# Pen Mill Sharpening Jig



## Aerotech (Oct 10, 2011)

I would like to sharpen my pen mills.  The problem is keeping them square.  Even one i bought brand new, that was supposed to be carbide tipped wasn't square nor was it very sharp. 

Does anyone or anywhere sell a sharpening jig that will keep these at the proper angle for sharpening???  Any help would be greatly appreciated.


----------



## bnoles (Oct 10, 2011)

Worth watching

http://www.youtube.com/watch?v=q19YMZpGl9k&feature=mfu_in_order&list=UL


----------



## Woodlvr (Oct 10, 2011)

I am not sure if it ok to mention someone's name but Paul Hoffman used to sharpen them. Try searching through old posts and some names will pop up.

I just found this old post I am not sure if Paul still sharpens or not but you can PM him and find out.

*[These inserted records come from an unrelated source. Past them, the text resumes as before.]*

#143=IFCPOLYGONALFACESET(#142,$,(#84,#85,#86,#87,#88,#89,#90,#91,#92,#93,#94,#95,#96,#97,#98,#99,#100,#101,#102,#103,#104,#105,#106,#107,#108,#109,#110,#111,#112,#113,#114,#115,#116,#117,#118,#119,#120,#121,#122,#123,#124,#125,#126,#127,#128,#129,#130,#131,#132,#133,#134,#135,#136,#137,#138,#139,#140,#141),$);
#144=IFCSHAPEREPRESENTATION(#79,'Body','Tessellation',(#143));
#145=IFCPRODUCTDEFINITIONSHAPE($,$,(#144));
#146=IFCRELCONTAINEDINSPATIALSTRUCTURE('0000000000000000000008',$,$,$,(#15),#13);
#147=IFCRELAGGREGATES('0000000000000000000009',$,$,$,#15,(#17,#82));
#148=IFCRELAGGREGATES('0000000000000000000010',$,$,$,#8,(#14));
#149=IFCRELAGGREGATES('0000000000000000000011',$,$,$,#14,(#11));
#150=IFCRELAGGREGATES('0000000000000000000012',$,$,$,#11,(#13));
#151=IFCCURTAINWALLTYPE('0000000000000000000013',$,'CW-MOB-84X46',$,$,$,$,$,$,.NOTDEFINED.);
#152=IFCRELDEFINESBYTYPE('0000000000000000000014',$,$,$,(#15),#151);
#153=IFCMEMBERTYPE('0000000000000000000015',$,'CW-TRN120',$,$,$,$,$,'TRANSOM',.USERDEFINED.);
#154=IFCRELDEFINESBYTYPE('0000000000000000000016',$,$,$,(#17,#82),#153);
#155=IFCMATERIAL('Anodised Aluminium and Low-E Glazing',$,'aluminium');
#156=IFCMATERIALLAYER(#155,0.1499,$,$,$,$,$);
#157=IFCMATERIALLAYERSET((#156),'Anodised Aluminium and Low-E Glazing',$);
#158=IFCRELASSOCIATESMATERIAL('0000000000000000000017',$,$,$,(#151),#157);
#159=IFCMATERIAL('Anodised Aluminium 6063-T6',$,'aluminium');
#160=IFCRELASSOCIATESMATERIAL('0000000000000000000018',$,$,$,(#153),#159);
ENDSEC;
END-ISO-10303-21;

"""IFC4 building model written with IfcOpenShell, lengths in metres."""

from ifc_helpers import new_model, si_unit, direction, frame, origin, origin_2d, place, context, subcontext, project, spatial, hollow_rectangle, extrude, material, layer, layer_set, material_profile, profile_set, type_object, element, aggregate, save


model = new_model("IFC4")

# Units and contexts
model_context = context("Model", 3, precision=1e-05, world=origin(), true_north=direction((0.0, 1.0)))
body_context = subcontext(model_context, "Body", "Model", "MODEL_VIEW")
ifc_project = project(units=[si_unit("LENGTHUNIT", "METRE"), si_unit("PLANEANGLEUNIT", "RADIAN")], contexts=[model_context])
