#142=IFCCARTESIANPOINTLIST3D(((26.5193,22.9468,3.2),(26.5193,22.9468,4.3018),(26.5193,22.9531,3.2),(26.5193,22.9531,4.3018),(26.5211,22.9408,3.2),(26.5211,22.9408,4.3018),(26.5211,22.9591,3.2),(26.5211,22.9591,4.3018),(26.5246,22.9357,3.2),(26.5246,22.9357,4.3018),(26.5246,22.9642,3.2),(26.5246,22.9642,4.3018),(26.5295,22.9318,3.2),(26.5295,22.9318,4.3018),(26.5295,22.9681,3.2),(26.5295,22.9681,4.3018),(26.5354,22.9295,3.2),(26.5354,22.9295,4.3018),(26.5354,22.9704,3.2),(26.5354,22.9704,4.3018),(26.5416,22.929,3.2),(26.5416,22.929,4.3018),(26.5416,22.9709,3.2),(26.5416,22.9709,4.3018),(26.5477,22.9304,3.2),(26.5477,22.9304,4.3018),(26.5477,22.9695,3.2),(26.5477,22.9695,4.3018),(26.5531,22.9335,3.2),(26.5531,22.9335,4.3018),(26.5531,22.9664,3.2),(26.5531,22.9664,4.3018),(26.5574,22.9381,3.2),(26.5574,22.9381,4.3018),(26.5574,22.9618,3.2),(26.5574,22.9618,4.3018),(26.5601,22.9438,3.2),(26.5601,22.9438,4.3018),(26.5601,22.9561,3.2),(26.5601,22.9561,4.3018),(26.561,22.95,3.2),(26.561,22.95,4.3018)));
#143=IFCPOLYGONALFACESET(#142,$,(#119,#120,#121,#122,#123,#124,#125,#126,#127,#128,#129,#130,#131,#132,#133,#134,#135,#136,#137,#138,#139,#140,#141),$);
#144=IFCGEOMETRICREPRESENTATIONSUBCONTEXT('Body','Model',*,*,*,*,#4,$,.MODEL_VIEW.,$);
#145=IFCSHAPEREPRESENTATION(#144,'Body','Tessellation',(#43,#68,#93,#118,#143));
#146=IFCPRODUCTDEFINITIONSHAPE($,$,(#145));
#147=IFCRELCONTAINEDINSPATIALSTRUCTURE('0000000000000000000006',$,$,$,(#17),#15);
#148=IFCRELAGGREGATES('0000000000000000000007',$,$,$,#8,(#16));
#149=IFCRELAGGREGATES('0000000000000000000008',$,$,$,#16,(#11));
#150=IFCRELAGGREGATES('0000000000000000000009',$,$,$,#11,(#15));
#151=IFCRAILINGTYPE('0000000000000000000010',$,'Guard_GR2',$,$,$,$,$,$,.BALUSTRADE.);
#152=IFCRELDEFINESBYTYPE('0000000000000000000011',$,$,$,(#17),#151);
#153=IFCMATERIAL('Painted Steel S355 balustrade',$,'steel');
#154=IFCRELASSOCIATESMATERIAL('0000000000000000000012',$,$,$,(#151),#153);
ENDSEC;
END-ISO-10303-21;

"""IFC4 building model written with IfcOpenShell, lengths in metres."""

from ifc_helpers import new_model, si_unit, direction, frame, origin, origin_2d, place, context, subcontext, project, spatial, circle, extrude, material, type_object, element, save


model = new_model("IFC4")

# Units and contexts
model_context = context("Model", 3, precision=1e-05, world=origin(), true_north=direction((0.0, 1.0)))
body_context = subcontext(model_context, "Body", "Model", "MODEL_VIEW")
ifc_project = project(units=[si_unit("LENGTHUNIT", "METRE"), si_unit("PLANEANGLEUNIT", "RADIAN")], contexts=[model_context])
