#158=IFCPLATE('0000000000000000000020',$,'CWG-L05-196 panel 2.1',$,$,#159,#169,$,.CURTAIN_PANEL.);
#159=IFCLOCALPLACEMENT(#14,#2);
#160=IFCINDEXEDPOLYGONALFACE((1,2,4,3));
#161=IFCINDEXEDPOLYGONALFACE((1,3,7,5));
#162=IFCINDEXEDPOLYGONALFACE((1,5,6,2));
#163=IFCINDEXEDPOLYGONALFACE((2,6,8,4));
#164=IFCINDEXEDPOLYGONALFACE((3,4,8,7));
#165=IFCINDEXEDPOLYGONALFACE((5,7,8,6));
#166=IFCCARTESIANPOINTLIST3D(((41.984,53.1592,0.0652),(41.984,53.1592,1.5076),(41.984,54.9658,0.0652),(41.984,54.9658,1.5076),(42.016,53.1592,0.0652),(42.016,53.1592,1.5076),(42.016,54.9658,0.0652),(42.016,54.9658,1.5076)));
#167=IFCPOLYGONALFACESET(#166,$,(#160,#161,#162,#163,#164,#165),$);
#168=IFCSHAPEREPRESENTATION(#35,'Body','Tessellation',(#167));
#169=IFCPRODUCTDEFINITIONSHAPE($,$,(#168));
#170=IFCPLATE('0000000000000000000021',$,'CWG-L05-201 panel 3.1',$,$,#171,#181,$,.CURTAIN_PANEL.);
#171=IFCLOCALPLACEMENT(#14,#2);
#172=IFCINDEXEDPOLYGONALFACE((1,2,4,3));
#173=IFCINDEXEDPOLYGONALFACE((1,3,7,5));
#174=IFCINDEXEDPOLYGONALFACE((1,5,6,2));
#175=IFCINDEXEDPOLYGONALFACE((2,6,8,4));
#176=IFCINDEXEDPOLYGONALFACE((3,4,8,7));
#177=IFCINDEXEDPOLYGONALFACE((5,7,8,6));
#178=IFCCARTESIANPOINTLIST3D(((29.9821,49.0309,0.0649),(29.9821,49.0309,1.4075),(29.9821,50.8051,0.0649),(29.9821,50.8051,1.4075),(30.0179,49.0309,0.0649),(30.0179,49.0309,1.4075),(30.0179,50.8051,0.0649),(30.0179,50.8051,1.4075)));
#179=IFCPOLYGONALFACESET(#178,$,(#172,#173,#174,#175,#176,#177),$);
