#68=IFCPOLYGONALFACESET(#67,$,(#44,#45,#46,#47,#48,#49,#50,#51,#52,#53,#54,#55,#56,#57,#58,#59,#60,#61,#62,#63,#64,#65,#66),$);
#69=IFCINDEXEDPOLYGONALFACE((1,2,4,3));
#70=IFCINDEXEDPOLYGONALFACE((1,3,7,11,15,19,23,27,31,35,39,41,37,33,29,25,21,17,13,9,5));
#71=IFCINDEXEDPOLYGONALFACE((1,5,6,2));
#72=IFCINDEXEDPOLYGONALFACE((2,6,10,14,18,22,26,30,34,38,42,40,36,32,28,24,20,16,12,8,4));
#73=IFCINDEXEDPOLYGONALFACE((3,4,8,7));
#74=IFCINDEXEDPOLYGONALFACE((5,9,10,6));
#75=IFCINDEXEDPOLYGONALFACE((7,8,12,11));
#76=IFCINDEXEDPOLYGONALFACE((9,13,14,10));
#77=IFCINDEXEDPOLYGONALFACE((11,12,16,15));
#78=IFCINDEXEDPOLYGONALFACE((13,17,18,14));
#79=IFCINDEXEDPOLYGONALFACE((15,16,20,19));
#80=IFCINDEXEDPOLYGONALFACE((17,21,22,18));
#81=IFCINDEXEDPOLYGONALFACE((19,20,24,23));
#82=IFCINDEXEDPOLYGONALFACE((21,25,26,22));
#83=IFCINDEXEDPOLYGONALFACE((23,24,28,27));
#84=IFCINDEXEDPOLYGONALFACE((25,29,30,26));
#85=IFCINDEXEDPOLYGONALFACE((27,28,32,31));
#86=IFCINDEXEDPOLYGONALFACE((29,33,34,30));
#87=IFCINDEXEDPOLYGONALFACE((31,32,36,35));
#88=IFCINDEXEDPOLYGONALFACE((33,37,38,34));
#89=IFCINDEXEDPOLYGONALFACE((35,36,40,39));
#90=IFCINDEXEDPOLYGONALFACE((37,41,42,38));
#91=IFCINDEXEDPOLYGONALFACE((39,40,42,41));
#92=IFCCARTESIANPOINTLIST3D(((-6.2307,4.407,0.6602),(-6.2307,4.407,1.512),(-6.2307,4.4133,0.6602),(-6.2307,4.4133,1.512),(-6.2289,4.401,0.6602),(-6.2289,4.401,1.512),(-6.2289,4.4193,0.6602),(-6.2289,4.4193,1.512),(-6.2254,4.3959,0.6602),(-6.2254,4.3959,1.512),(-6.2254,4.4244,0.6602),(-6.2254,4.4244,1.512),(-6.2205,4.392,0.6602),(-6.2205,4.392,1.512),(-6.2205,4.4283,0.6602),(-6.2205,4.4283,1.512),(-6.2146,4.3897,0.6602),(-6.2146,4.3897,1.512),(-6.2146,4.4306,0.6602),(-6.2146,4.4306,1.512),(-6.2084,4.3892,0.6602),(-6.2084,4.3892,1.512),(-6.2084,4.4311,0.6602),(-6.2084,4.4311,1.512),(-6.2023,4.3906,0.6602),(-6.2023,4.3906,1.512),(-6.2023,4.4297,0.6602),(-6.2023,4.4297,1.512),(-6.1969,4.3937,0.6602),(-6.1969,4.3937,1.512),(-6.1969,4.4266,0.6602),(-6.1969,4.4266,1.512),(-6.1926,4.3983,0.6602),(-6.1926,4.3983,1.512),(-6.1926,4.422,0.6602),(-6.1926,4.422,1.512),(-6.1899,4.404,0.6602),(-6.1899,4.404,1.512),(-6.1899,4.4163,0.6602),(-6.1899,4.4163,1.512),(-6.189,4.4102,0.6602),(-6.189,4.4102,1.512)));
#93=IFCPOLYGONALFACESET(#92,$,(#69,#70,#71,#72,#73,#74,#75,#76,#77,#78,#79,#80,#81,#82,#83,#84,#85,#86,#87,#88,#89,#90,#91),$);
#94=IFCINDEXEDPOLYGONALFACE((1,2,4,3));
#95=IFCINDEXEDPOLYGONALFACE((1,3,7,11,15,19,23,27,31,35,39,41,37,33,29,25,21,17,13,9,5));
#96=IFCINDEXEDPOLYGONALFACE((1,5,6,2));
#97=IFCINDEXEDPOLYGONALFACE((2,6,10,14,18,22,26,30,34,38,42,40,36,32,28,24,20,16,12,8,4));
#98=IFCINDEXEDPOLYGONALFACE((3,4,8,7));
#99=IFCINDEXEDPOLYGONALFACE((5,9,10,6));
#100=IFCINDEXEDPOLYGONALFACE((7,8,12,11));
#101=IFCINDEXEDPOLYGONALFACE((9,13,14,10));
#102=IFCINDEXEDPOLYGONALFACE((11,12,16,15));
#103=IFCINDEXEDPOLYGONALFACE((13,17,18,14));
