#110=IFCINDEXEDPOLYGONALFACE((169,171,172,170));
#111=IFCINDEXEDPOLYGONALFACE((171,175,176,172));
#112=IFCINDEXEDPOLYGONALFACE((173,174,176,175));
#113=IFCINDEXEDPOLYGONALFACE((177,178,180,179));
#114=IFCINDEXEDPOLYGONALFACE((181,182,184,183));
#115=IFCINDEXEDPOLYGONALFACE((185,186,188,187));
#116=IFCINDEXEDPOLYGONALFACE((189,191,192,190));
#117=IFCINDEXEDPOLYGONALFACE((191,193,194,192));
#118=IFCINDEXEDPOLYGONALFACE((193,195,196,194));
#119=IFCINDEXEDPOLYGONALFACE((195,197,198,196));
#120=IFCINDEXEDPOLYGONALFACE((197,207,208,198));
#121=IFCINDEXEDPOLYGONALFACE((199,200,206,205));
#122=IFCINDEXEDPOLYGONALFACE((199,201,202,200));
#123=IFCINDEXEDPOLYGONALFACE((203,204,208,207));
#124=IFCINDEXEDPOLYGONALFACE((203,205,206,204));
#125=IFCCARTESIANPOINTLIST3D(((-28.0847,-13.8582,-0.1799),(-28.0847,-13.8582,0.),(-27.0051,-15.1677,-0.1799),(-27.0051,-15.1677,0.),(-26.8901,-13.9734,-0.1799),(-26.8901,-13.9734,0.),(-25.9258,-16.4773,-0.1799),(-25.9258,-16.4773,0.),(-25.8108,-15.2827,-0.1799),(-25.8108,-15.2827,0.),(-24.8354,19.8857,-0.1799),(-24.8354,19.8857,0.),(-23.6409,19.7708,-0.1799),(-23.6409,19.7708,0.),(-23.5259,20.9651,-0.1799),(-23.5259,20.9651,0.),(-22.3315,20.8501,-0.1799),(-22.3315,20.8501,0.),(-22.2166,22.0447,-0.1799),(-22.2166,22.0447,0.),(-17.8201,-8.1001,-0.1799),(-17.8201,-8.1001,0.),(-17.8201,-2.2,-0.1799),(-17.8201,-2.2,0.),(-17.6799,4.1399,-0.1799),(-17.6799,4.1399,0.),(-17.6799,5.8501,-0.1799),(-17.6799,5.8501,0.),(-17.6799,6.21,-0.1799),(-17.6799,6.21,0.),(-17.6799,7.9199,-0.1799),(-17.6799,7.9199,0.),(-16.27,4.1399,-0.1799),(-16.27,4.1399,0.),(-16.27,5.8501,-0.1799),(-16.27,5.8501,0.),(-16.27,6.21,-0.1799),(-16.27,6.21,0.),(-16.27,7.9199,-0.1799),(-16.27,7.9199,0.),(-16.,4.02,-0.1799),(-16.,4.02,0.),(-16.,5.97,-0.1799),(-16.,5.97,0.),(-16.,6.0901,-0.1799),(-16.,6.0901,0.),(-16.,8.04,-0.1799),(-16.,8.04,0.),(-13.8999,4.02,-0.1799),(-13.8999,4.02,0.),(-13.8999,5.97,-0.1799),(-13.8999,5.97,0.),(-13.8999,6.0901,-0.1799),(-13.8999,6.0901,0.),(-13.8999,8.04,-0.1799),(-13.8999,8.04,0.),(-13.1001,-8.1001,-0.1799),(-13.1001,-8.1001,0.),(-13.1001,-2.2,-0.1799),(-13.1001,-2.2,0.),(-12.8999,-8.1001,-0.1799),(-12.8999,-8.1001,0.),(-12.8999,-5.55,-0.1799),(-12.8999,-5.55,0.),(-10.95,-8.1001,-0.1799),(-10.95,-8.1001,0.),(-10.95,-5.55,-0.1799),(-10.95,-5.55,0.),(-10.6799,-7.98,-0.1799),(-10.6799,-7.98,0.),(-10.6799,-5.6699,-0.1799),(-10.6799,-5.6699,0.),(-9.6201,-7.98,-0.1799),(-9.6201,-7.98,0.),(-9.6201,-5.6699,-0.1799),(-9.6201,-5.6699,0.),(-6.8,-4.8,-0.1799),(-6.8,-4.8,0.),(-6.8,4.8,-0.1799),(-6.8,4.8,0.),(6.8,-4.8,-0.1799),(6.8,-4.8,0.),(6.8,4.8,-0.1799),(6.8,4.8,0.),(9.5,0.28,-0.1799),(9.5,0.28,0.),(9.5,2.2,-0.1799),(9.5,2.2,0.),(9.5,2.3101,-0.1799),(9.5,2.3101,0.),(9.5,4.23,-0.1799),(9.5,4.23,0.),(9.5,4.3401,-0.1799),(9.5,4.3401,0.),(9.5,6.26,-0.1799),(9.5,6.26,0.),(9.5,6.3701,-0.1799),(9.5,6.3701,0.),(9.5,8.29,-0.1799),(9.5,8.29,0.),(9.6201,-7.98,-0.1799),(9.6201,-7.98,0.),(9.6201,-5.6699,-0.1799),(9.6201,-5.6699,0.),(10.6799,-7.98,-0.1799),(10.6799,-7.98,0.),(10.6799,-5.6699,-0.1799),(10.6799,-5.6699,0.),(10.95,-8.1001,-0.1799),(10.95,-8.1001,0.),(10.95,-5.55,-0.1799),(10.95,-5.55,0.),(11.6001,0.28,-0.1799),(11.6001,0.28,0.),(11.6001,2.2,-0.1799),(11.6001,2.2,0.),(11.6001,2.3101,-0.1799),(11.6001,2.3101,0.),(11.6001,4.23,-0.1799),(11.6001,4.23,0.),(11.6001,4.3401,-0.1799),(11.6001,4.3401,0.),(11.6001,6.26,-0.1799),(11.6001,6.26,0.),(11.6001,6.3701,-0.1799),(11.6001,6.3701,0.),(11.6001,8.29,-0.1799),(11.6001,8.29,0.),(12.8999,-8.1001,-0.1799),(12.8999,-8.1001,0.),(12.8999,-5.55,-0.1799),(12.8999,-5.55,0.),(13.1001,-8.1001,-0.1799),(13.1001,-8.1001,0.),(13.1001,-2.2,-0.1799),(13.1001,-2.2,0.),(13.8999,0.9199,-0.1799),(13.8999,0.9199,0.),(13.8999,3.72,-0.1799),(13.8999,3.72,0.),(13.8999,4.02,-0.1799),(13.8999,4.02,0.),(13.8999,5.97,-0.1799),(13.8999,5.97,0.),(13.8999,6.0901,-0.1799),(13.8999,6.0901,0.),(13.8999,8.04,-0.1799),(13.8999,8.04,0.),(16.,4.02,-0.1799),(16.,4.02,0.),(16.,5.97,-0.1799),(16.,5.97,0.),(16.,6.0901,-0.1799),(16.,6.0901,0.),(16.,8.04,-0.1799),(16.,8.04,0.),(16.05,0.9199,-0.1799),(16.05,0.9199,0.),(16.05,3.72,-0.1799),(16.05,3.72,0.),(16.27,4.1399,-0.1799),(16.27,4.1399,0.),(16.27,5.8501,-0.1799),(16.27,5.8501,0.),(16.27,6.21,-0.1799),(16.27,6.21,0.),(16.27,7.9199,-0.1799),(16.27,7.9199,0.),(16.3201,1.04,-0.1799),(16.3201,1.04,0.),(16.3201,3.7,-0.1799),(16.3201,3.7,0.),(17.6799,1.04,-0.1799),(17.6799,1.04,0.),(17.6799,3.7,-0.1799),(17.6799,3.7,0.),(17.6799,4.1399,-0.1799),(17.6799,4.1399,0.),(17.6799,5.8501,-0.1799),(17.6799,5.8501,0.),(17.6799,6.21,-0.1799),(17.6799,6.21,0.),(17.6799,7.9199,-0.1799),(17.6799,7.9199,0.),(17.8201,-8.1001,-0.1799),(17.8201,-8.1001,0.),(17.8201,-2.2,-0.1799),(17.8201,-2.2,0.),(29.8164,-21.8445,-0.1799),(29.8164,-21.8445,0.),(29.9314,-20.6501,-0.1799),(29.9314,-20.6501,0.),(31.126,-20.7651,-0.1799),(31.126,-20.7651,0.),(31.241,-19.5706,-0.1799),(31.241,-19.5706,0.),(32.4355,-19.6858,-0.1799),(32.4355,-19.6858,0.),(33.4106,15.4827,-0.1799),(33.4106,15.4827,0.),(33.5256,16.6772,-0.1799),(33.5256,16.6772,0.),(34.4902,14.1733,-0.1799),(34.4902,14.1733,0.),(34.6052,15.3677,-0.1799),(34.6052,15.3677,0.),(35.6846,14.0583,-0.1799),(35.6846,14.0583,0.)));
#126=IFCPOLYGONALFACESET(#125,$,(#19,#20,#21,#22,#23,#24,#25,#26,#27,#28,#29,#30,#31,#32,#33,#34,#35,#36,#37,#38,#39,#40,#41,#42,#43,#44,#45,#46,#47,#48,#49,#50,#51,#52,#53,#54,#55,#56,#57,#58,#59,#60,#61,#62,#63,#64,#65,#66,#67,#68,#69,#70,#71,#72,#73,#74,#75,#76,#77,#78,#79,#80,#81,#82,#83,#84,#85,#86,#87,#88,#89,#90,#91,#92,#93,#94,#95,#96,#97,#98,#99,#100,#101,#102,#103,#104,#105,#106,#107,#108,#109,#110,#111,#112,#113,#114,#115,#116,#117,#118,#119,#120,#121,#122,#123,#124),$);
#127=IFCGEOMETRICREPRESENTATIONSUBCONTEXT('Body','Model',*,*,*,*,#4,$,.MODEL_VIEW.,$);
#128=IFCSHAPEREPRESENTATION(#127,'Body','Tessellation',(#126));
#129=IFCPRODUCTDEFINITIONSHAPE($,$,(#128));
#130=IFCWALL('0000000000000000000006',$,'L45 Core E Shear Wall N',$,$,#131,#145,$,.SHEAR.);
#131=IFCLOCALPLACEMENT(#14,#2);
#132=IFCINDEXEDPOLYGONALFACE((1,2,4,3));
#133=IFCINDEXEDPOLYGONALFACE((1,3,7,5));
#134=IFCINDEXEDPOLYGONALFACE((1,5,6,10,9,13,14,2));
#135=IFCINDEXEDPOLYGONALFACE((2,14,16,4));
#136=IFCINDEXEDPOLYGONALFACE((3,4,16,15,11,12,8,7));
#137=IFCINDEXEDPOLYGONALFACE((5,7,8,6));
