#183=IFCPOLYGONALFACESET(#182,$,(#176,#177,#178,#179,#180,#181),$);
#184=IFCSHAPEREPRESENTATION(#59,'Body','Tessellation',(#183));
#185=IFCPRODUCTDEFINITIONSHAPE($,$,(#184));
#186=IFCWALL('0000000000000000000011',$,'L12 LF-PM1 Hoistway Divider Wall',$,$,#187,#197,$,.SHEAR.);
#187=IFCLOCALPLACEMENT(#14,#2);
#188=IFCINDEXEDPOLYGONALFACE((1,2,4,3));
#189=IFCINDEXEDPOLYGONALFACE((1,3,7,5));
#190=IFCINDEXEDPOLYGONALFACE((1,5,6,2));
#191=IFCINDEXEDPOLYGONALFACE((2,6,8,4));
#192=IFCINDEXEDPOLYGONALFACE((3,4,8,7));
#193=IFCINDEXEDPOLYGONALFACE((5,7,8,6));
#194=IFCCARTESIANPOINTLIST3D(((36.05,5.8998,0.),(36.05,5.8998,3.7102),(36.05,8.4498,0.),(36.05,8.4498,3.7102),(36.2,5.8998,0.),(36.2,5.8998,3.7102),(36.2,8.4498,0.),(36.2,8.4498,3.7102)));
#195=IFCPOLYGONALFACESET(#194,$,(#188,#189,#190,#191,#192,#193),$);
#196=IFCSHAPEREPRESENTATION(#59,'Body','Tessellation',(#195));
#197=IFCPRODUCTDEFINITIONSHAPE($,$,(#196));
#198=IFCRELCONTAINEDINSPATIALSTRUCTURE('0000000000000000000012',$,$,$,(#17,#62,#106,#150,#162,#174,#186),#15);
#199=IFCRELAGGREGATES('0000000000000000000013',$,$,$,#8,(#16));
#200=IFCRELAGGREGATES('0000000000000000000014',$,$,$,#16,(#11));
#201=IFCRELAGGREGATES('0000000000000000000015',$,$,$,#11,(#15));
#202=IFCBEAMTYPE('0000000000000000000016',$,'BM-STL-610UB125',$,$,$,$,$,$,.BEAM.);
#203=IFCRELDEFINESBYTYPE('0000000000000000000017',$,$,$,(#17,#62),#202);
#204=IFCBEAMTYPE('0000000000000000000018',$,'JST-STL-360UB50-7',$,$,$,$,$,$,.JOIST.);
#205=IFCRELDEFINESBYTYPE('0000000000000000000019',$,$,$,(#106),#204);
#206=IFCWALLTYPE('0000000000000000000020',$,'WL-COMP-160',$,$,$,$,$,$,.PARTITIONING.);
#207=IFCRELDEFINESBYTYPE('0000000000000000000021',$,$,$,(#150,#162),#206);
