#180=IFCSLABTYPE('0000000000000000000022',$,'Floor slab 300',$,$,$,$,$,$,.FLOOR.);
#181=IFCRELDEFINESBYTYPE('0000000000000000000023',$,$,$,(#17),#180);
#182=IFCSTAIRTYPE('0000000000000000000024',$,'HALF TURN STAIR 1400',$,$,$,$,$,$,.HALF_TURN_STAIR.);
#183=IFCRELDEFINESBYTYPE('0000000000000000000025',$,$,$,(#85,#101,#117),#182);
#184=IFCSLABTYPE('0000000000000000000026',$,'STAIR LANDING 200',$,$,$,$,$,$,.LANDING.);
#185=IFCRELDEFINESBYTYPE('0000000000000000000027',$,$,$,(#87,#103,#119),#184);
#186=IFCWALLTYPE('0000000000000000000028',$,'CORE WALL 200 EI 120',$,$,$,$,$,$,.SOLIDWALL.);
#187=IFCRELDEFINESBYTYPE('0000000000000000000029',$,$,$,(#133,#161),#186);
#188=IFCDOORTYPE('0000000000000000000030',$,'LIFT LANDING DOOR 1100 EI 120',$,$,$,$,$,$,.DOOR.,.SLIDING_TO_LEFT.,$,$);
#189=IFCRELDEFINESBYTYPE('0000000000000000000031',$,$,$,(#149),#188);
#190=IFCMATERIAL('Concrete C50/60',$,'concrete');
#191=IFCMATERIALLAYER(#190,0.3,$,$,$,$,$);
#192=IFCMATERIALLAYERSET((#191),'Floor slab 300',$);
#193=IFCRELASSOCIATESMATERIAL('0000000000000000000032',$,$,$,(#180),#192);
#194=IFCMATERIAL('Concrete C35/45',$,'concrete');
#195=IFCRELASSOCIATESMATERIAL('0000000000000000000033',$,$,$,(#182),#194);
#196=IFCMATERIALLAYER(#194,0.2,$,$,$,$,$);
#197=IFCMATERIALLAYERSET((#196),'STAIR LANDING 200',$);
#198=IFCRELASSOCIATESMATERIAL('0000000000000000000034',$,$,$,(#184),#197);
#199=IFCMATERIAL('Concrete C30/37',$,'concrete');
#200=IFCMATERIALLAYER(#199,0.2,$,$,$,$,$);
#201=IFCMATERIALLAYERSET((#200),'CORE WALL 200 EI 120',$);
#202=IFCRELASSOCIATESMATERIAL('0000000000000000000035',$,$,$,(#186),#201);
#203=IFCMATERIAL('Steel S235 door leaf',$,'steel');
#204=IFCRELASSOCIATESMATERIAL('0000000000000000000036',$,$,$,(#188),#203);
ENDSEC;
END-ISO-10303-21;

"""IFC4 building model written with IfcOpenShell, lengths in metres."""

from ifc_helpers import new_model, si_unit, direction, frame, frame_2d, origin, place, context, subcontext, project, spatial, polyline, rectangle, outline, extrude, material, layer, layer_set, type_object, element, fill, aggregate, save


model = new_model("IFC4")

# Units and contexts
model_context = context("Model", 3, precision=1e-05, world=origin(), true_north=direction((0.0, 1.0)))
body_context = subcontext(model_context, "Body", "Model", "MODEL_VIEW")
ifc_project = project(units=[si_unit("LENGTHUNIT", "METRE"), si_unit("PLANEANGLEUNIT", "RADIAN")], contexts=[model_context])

http://www.penturners.org/forum/showthread.php?t=80913&highlight=Pen+mill+sharpening


----------



## sbell111 (Oct 11, 2011)

I consider pen mill heads to be consumable and just chunk them if they get dull.  They are simply too inexpensive to worry about sharpening, in my opinion.


----------



## ve3bax (Oct 11, 2011)

if you dont want to watch 13 minutes of video, the same basic idea is found in the link below...  I usually end up doing this while waiting for epoxy to cure when gluing up tubes... in fact, that seems to be when I sharpen everything... plenty of time to kill and everything does work a lot better when its sharp! 

http://penmakersguild.com/articles/penmillsharpening1.pdf

--Dave


----------



## DurocShark (Oct 11, 2011)

I'm with Steve, mostly. I do sharpen them, but I don't put any thought into it.

I touch the back side of each cutter to the side of my spinning grinder wheel. Same wheel I use to sharpen my turning tools. 

I really couldn't care less if one edge is a bit higher than the others. I mount my trimmer in the collet chuck on the lathe and set the lathe to its lowest speed. Then I VERY LIGHTLY touch the blanks to it. The shaft on the trimmer (or one of my adapters) keeps the blanks square. If one blade is doing all the cutting I just don't care. The only thing that matters to me is that the cutter blades are perpendicular to the shaft.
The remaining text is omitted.